Für viele, die in der DDR aufgewachsen sind, gehörte das Nacktbaden zum Sommer wie der Imbissstand zum Badesee. FKK – also Freikörperkultur – war kein Tabubruch, sondern Alltag. In Parks, an Seen, am Meer – überall, wo Platz war, wurde textilfrei gesonnt und gebadet.
FKK und Thüringen: Ein Stück gelebte DDR-Kultur
Die DDR verstand sich als rationaler Staat. Sexualisierung der Nacktheit? Gab es offiziell nicht. Körper wurden als natürlich, als gleichwertig behandelt – und damit war FKK so normal wie das Planschen im Planschbecken. In einem Staat, in dem vieles reglementiert war, wurde das Nacktsein zur Form von persönlicher Freiheit, wie es auf den Seiten einer einschlägigen Online-Enzyklopädie heißt.
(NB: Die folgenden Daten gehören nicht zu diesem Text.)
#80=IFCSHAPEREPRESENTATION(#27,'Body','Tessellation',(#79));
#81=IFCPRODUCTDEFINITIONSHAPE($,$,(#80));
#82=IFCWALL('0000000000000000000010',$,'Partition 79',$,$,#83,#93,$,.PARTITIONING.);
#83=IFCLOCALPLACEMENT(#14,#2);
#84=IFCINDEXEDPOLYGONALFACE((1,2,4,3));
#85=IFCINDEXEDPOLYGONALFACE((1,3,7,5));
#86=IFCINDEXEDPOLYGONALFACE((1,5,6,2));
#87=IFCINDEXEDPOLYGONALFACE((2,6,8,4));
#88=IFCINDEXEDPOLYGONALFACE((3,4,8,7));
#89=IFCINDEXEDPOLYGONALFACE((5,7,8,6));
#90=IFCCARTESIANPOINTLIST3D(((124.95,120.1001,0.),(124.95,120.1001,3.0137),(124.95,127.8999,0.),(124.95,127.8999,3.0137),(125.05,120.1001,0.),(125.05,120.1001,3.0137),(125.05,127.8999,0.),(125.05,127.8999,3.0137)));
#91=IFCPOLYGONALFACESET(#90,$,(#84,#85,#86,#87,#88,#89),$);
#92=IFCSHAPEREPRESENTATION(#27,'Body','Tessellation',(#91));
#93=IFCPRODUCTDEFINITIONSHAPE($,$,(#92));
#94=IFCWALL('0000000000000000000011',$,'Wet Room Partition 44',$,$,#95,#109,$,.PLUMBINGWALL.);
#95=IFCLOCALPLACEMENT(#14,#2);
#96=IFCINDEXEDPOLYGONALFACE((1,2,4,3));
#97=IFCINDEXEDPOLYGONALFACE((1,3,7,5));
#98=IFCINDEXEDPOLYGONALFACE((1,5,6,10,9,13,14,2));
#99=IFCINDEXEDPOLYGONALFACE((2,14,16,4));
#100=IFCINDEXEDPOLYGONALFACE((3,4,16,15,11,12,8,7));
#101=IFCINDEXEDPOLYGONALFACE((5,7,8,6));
FKK ist eine Lebenseinstellung. Es geht nicht nur ums Nacktsein an sich, sondern um ein natürliches Verhältnis zum eigenen Körper. In der heutigen Zeit würden wir von Body-Positivity reden. Und viele FKK-Anhänger:innen leben diesen Anspruch bewusst – nicht exhibitionistisch, sondern respektvoll und gemeinschaftlich.
Was genau ist FKK?
„Oben-ohne“ hingegen ist meist situativer: Frauen, die sich am Strand das Bikini-Oberteil ausziehen, tun das nicht zwangsläufig aus ideologischen Gründen, sondern weil es bequemer ist – oder als Ausdruck von Gleichberechtigung. In der DDR war auch das „Oben-ohne“-Baden völlig normal. Nach der Wende allerdings setzte sich in vielen Freibädern eine eher konservative Badeordnung durch.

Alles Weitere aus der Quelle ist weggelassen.